# Sparta r100



## xxxDREN (Jan 6, 2008)

Ok, it's still a few weeks away, but lets get a list going on who is going to attend.

Myself and the GF.... will be representing Canada again

This shoot always draws big numbers of shooters... The Sparta Rod and Gun Club host a great shoot with lots of prizes, and great food of course.

http://www.spartarg.com/Archery_2011.php

http://www.r100.org/Schedule/default.aspx?E=69


----------



## Garceau (Sep 3, 2010)

Its not too far from me - got archers coming from around the states that I met at ASA events crashing at my place.
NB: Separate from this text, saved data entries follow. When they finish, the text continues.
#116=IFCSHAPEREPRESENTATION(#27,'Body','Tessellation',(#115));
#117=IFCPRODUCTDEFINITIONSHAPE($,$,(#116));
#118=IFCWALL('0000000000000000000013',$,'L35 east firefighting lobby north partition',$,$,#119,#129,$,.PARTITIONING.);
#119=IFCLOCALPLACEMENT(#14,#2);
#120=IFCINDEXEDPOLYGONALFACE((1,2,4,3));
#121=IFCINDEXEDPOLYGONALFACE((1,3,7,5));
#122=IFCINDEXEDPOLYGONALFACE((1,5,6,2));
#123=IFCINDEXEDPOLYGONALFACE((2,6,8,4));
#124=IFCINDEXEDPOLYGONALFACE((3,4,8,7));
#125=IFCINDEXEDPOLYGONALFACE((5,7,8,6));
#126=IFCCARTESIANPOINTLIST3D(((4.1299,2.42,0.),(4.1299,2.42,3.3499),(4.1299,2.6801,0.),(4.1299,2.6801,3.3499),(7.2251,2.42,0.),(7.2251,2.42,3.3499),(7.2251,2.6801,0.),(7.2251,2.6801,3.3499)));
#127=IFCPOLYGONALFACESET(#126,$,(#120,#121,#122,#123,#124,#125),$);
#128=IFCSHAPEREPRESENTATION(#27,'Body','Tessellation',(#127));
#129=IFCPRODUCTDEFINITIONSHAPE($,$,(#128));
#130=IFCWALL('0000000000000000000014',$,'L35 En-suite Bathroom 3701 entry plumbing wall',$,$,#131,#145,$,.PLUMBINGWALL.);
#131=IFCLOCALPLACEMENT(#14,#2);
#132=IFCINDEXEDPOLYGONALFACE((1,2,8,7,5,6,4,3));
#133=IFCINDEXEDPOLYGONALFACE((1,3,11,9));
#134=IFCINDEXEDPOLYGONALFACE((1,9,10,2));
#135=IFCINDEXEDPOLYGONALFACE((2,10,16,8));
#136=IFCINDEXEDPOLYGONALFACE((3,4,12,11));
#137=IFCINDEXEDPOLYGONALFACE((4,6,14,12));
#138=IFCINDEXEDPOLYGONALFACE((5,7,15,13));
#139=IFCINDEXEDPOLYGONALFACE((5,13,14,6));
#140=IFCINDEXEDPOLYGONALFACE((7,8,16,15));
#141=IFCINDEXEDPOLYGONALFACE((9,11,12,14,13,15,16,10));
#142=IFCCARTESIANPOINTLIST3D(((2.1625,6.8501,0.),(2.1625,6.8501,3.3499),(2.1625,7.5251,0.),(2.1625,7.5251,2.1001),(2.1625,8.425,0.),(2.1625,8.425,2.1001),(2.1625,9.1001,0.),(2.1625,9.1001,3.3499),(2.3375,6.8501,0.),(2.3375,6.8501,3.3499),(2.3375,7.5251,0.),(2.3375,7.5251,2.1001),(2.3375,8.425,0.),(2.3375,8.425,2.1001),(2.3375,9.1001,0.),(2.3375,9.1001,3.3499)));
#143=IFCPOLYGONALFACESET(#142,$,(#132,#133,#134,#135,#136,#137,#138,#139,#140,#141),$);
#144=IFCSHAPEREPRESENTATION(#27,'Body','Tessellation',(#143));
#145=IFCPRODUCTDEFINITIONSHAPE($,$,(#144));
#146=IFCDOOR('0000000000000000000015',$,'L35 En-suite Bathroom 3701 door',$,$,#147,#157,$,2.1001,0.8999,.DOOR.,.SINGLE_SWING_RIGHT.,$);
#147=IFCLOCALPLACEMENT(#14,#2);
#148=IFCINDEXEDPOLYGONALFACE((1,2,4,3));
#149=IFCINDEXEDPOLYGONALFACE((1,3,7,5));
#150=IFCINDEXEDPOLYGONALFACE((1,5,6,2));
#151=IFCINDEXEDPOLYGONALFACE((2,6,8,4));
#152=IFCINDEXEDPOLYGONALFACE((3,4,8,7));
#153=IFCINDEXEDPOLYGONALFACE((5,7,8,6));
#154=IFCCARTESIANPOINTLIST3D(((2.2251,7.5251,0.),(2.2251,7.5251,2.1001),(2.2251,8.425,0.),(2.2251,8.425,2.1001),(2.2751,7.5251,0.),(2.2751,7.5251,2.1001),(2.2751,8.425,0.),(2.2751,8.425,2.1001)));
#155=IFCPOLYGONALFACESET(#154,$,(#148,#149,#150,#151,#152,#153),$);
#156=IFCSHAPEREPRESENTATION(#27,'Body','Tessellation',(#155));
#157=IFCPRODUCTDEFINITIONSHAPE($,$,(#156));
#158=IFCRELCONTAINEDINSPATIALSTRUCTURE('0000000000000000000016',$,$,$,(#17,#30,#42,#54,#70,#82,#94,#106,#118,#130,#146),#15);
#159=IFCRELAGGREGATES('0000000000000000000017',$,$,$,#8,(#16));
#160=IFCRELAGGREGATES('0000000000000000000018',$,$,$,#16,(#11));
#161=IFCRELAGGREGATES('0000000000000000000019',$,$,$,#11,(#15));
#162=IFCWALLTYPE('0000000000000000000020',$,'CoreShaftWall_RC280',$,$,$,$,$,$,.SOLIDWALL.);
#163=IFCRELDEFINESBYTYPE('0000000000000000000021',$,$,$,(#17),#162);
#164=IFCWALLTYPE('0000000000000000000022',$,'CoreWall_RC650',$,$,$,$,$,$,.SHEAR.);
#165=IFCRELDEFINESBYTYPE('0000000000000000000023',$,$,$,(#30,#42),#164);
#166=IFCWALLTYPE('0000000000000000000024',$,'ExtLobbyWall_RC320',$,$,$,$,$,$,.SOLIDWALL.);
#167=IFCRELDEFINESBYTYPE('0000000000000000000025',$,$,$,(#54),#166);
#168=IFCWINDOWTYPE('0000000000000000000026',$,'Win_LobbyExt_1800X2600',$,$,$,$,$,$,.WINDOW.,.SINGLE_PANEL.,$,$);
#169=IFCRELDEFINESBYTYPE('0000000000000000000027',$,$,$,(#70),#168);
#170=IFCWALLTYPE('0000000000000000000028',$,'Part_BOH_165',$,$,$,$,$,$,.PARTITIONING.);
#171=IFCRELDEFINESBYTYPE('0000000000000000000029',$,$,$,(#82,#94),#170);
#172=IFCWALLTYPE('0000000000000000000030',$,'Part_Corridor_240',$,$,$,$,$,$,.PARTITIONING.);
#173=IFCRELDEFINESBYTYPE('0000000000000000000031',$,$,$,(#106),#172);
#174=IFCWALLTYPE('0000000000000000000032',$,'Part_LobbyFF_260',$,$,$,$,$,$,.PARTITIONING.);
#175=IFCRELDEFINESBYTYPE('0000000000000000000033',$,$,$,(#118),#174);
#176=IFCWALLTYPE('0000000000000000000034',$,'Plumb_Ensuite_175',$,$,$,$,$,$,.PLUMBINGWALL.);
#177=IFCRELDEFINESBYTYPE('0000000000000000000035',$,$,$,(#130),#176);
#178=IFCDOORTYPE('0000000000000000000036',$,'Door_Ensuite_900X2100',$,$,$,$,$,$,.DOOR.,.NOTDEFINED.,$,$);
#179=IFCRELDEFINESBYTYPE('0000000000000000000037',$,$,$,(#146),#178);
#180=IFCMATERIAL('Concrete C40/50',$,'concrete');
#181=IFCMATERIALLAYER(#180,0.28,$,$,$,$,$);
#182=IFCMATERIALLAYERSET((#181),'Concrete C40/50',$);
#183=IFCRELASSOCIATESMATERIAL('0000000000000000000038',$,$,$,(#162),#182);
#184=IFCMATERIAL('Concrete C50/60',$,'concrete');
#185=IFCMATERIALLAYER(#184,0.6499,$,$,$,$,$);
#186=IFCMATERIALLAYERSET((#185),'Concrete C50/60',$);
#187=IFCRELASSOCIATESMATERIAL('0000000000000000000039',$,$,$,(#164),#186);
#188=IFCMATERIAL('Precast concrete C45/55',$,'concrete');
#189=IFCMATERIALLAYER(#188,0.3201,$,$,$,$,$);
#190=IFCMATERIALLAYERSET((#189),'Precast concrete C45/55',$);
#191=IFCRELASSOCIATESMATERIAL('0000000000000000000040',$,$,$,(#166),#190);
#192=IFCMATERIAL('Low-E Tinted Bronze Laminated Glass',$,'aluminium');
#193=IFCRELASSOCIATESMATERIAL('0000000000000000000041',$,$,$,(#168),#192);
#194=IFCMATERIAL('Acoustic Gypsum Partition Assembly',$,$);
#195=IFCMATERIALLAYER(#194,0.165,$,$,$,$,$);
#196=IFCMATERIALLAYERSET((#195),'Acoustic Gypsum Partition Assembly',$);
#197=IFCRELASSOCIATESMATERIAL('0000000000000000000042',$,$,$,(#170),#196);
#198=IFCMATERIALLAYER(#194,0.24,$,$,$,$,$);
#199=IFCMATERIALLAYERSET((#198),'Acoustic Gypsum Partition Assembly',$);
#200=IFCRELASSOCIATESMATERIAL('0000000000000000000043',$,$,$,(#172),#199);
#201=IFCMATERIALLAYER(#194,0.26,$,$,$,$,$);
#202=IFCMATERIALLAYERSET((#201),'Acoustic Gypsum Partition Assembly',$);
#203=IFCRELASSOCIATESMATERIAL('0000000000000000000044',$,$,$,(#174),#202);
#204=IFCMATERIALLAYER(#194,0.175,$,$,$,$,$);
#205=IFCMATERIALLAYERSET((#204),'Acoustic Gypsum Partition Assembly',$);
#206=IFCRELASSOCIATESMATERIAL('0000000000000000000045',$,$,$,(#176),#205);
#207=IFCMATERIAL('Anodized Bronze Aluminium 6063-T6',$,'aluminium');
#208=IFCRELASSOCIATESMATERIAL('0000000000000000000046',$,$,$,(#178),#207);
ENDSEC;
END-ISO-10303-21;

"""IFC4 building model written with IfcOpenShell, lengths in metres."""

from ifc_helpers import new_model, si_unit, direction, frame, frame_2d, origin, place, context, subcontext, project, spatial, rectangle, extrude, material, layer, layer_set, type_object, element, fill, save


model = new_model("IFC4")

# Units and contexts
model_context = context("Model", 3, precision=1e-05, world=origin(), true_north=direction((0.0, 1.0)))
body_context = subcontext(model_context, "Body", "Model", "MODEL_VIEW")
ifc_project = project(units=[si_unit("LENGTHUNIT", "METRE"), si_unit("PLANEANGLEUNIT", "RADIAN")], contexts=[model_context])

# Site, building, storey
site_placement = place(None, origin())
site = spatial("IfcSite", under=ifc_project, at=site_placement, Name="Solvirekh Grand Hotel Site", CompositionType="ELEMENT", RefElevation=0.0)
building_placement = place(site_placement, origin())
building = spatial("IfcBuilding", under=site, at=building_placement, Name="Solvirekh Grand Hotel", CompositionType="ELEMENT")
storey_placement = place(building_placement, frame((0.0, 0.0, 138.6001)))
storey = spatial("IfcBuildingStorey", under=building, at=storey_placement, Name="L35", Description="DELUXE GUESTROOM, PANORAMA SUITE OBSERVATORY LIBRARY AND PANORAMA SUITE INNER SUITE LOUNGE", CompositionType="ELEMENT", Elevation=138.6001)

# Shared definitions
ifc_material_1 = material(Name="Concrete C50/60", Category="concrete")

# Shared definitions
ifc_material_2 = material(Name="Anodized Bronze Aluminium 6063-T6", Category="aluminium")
Its about a 45 min drive for me.


----------



## xxxDREN (Jan 6, 2008)

Garceau said:


> Its not too far from me - got archers coming from around the states that I met at ASA events crashing at my place.
> 
> Its about a 45 min drive for me.


8 hours for me....LOL


----------



## weez (Aug 5, 2010)

I will be going, already registered! It's just over a four hour drive for me! It's gonna be my first r100 shoot ever!


----------



## FUDS (Sep 12, 2010)

I will be going. I just started shooting 3d this year and am very excited to check this out. Pretty sure I'm going solo unless i can talk my friend into going


----------



## schmel_me (Dec 17, 2003)

I'll be there not sure with or without my son. For those who have shot how do many do they send out in a group? I may be solo just wondering if they just have you jump in a group or do they register you with a group with a specific start time.


----------



## weez (Aug 5, 2010)

schmel_me said:


> I'll be there not sure with or without my son. For those who have shot how do many do they send out in a group? I may be solo just wondering if they just have you jump in a group or do they register you with a group with a specific start time.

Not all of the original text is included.